Yeah, that's a great question. Yeah, so, you know, based on the phase I-A dose escalation as well as the combo data, you know, we've seen really no side effects. It's been very safe. The feedback we've gotten from, you know, the investigators on the front line and treating patients have been very pleased with the safety. So from a safety perspective, unlike many of the antibody-drug conjugates, it's been really totally clean.
So not something that we're worried about, at this point, at least with respect to the doses we're currently looking at.
Okay. And, maybe kind of a more in-depth question. I'm assuming you have some tumor biopsies from patients treated with NC410. Do those look different, you know, from a mechanical perspective, morphologically? I mean, you're targeting collagen, so I would expect maybe they would have a different texture.
Yeah, yeah, so what we know we're certainly exploring that further with respect to the structural changes, you know, within the tumor itself.

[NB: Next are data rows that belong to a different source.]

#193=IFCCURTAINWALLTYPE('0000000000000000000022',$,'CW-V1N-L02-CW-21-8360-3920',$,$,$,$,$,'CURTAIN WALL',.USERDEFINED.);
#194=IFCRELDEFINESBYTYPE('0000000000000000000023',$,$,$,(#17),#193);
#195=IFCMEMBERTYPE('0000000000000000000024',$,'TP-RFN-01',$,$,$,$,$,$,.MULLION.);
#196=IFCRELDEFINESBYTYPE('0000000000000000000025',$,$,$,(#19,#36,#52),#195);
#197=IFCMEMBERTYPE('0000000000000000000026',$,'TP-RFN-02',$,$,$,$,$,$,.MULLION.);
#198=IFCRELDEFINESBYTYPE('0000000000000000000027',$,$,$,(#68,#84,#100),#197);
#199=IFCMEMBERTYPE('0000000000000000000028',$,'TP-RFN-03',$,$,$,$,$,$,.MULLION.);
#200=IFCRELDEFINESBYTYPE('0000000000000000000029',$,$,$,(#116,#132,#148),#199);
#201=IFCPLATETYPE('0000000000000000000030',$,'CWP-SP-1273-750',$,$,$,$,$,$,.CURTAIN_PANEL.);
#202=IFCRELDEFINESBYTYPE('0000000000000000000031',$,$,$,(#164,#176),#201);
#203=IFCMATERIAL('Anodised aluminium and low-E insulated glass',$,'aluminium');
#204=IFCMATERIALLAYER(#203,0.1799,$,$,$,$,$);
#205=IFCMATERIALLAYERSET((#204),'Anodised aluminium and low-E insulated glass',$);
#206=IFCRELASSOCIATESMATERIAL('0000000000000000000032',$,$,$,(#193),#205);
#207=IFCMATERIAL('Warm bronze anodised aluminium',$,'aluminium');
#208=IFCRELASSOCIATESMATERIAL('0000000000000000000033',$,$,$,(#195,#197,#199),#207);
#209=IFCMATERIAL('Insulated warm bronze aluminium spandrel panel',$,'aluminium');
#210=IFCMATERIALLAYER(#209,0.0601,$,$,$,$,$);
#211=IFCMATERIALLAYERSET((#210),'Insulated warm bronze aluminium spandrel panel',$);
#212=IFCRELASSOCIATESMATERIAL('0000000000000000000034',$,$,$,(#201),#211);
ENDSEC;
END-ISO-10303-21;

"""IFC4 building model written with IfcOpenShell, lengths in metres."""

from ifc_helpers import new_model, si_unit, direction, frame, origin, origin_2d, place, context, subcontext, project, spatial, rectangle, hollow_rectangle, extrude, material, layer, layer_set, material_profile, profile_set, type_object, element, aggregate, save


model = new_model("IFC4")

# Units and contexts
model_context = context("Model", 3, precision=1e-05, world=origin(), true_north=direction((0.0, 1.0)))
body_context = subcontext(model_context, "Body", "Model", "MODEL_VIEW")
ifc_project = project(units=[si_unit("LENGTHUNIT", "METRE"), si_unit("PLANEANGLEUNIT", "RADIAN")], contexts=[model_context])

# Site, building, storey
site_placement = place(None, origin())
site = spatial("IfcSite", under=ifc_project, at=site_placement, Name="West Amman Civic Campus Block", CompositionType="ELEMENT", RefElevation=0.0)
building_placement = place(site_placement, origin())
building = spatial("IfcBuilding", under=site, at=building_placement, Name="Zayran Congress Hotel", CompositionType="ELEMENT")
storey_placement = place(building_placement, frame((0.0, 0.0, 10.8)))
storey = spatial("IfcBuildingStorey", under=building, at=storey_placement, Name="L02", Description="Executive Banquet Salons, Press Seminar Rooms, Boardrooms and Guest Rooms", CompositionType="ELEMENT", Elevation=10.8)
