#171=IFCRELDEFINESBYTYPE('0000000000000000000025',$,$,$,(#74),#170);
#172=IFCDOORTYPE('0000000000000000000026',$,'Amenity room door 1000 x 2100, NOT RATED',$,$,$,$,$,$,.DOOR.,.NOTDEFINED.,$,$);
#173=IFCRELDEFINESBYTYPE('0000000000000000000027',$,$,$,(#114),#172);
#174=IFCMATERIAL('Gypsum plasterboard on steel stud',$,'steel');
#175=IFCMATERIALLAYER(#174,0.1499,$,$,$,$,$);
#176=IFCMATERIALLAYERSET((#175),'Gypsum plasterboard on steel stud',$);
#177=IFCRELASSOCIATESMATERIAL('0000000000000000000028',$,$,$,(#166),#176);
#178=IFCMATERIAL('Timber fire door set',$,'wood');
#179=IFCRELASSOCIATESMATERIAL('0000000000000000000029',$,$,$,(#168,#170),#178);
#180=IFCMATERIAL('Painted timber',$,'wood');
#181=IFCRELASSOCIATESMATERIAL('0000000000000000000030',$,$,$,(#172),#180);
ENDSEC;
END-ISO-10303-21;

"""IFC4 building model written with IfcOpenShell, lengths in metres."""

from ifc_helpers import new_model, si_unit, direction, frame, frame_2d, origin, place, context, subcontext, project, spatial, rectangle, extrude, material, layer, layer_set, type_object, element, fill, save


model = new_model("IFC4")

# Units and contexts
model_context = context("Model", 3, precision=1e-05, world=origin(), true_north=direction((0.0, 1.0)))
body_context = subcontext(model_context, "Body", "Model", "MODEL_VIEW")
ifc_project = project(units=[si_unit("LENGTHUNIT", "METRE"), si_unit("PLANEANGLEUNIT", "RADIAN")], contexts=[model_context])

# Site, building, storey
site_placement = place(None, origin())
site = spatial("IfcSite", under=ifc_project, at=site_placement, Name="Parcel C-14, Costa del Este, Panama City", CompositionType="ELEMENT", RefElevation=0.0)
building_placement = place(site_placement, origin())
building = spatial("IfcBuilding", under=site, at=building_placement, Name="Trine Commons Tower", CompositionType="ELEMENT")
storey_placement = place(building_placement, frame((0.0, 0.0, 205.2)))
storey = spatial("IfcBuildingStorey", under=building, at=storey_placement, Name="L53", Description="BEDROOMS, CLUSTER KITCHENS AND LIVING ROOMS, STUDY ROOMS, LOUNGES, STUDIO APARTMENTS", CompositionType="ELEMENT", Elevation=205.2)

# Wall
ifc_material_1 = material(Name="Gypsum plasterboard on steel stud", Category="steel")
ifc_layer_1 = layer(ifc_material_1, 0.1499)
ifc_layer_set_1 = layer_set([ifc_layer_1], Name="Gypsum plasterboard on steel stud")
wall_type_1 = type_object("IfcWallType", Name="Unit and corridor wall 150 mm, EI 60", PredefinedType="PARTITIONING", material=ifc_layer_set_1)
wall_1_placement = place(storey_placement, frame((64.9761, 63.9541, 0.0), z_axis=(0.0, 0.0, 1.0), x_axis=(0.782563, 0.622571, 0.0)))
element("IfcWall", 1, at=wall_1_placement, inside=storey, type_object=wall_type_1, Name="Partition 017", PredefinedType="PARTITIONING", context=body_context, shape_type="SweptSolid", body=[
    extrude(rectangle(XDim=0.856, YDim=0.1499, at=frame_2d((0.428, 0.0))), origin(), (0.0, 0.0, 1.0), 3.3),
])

You know, in the responses, it gets a little bit more challenging because the tumors are shrinking. So there's less tumor to actually pull out after treatment. But to the extent we could get some tissue, we're certainly interested in looking at that as well as the whole repertoire of other biomarkers.
So independent of the tumor, we could actually measure what we call these CDPs, these collagen-derived products, you know, in the periphery. And we could demonstrate that, you know, we see an increase in those patients that are treated with NC410.

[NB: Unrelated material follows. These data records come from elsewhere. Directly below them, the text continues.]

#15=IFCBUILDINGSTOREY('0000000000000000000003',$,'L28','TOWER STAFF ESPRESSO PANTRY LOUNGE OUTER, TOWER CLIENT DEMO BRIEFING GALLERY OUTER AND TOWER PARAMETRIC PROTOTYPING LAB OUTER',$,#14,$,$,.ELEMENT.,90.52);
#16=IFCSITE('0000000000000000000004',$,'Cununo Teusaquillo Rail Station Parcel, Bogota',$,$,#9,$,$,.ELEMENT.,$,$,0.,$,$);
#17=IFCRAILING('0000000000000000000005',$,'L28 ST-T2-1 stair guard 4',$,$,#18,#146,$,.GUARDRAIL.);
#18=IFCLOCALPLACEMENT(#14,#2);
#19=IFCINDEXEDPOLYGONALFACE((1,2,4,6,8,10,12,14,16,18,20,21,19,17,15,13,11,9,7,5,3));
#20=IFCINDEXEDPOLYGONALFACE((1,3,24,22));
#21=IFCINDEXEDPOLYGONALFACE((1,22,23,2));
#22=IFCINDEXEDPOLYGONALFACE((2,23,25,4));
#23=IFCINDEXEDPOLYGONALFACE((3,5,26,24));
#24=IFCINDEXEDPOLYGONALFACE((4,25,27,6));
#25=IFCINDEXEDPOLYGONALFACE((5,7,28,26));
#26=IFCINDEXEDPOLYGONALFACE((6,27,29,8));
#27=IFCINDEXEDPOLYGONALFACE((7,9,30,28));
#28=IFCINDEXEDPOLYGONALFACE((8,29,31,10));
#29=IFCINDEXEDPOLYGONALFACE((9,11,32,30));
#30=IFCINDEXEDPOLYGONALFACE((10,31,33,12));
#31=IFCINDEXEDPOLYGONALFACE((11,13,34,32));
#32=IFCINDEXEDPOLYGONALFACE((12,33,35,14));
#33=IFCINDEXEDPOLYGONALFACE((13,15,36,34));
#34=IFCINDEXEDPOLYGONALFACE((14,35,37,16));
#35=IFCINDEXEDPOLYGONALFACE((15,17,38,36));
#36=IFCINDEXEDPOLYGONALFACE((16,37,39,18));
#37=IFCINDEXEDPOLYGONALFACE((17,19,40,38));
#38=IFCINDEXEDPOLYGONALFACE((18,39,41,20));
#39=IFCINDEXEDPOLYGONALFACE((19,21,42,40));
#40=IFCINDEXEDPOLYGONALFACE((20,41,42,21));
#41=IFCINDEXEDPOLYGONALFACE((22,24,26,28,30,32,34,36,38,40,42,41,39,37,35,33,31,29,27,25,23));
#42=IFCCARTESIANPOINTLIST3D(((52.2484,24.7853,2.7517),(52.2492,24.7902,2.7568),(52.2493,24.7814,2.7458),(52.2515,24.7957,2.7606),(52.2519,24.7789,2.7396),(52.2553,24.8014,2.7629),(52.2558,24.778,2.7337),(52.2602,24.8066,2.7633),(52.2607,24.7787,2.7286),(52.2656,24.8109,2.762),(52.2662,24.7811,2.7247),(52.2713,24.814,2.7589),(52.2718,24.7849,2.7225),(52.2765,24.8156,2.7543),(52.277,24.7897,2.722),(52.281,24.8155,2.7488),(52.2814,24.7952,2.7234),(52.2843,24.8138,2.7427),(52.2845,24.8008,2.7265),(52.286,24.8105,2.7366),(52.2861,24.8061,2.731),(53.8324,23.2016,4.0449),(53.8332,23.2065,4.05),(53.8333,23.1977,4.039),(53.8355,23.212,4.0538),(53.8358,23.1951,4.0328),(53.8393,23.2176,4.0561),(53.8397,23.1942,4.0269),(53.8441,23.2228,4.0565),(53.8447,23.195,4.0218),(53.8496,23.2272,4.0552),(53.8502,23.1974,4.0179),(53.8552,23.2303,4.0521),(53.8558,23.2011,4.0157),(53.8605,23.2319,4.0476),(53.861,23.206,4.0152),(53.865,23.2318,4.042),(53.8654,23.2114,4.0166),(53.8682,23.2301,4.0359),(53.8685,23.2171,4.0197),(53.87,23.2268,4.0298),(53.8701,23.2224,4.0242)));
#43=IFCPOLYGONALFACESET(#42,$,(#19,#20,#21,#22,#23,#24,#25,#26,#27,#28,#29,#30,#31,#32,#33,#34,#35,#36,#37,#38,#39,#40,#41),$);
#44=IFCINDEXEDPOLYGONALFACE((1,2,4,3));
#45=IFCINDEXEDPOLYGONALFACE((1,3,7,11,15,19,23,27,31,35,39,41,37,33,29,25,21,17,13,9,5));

And maybe, shifting gears to your ADC program. I mean, outside of your own data, which may take some time to generate. What do you think could drive excitement in that space?
Yeah, it's a real exciting space. Well, anytime you could see clinical responses that are helping patients, you know, that's a great thing. And when you could see confirmation and validation of a target in the hands of multiple parties, even though they're taking different approaches, I think is really positive. What we're really excited about is the differentiated approach we're taking.

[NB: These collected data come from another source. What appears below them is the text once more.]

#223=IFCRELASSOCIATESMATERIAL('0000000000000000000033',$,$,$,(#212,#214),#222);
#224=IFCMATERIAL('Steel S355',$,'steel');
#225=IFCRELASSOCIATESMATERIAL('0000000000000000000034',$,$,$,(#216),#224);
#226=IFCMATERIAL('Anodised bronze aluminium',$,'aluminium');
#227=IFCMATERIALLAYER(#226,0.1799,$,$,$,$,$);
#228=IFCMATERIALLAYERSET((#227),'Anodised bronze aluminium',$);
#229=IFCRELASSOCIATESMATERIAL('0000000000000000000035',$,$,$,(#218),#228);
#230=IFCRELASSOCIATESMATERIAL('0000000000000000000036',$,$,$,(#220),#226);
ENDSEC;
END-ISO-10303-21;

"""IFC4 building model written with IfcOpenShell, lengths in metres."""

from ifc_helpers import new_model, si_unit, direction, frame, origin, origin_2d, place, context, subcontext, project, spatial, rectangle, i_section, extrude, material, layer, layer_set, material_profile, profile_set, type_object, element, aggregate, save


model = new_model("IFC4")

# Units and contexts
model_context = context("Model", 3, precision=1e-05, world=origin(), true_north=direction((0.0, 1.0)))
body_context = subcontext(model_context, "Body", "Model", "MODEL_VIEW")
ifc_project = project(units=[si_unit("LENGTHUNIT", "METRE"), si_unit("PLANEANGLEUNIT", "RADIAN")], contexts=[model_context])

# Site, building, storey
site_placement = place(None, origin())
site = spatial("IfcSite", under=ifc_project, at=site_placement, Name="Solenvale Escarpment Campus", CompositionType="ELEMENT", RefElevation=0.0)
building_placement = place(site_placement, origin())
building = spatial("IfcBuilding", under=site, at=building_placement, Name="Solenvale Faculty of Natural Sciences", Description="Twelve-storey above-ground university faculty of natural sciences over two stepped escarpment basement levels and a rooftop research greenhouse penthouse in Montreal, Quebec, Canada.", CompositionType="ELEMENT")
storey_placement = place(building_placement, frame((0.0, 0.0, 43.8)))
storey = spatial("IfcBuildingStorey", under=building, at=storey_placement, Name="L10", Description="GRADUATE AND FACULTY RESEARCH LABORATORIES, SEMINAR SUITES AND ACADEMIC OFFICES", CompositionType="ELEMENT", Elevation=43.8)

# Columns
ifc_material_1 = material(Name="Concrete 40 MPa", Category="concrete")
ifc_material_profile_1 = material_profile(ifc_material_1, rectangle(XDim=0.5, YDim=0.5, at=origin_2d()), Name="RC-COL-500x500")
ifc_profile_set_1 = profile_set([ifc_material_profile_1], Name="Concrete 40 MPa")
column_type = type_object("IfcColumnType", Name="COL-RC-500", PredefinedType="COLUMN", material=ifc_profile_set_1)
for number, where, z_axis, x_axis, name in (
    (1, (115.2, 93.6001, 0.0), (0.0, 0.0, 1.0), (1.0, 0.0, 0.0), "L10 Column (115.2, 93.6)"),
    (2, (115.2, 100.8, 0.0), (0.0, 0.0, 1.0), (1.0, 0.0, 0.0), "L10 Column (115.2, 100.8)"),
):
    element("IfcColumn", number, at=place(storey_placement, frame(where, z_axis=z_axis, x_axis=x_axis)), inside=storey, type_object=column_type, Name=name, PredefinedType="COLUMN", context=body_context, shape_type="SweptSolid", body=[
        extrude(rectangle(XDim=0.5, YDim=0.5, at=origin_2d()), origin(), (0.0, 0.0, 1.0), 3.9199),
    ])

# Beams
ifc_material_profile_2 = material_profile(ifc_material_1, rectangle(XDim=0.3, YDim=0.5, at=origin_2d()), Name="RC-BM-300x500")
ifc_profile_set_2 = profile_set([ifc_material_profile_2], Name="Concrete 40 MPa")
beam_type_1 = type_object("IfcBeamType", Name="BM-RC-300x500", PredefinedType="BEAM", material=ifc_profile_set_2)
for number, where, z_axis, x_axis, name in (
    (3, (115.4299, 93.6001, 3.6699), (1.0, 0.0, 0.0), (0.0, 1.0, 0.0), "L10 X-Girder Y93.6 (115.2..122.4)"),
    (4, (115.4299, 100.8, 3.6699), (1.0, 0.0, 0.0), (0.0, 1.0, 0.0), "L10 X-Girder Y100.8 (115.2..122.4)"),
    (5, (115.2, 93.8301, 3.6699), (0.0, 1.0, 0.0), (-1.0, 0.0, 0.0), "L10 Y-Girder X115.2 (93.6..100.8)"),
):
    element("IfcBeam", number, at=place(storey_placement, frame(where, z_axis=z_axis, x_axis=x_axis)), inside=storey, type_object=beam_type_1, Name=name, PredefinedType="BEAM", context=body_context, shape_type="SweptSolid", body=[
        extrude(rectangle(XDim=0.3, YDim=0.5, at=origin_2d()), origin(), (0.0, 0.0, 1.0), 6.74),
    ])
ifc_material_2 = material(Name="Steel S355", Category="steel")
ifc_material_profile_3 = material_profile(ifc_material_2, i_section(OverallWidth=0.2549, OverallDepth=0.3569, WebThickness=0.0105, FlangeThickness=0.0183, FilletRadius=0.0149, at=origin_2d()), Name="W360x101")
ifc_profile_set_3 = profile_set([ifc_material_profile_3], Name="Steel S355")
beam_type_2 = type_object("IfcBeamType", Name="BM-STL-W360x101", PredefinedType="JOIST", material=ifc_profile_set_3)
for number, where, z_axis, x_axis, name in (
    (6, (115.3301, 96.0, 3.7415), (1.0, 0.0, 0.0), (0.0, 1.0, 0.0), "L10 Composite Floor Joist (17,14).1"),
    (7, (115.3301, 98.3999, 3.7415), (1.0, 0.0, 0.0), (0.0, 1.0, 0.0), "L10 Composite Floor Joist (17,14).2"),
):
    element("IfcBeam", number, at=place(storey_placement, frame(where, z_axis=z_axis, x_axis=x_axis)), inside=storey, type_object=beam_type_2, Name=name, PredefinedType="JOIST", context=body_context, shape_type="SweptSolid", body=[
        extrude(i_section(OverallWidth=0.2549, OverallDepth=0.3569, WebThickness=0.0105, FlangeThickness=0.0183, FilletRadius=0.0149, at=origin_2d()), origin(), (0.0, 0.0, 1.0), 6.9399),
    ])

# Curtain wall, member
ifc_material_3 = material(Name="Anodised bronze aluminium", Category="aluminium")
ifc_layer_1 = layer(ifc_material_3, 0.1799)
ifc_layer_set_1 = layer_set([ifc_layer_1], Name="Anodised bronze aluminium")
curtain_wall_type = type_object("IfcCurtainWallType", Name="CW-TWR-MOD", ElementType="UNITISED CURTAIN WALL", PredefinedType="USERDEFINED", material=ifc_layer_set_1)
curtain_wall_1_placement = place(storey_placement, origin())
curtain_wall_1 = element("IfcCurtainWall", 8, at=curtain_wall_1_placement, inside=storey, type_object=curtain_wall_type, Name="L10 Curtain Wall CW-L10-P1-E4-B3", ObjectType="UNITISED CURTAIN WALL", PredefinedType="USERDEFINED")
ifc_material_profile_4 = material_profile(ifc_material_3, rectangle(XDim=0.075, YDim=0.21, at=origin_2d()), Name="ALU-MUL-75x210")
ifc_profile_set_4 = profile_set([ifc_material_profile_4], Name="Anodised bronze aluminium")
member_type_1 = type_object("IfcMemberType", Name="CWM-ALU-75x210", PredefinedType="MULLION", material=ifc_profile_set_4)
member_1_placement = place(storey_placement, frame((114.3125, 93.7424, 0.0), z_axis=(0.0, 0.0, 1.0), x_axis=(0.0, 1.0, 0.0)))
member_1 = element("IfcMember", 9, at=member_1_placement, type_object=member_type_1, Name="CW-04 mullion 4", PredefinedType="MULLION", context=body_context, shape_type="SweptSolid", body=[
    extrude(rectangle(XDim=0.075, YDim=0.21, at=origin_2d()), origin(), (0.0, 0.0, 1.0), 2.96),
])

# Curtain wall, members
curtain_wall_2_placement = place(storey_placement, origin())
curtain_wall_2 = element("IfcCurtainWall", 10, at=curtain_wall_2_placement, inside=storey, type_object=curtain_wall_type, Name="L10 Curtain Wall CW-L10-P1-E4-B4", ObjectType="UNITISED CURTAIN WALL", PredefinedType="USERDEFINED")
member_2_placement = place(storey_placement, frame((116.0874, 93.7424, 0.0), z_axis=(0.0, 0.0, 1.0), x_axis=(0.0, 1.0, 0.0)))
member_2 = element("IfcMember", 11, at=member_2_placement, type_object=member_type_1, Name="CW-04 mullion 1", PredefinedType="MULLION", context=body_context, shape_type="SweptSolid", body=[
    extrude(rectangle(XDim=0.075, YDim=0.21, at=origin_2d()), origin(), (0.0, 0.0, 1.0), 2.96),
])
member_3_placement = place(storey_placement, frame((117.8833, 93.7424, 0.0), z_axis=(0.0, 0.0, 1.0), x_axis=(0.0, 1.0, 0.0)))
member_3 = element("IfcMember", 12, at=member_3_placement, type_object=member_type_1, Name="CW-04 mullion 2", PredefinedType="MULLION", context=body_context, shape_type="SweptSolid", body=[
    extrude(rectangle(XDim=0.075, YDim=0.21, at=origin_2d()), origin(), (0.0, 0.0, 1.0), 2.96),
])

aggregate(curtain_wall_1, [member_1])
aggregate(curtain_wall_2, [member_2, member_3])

You know, we've been looking at B7-H4 antibodies for a long, long time. We think we have a very specific high affinity permeable antibody. And then with respect to the prenylation and conjugation of the glucuronidase linker and MMAE, we think that's going to be quite unique. You know, we're privileged to not only kind of do some comparable data, internally looking at things preclinically, but also building on the significant experience that LCB has in this linker system and looking at other targeted approaches. So I think it's differentiated. I think it potentially could be much safer. We think it could be best in class and superior. And so we're looking forward to getting this into the clinic and demonstrating this, hopefully in multiple tumor indications.
I know the company has become a lot more focused in recent years, but not to completely neglect Siglec-15. You did put out some interesting data regarding bone density. Is there maybe opportunities there?
Yeah, so we do have another anti-Siglec-15. This is our NC605 program. That's actually has a very impressive data set and focuses on bone-related diseases. Currently we're focused on an orphan indication, osteogenesis imperfecta. This has really gotten a lot of attention based on some work Ultragenyx has done with sclerostin in the pediatric population. We're actually focused on the adult population. We think our molecule will be safer. We've been able to demonstrate in multiple animal models the ability to not only decrease bone resorption, but enhance bone formation and quality bone, both in the cortical and the trabecular space. So we're in the process of talking to a number of different groups, to see how best to advance this program. We're currently doing tox studies.
Even though our focus has been on oncology, as you mentioned, a more focused effort on these two programs, hopefully with the right support, we'd love to see the bone program advance in some way also.
Excellent. Well, thank you, Michael, for attending today.
Well, thank you very much, Gil. I greatly appreciate the opportunity. It's always a pleasure speaking with you, and we appreciate again Needham's ongoing support. So thank you very much.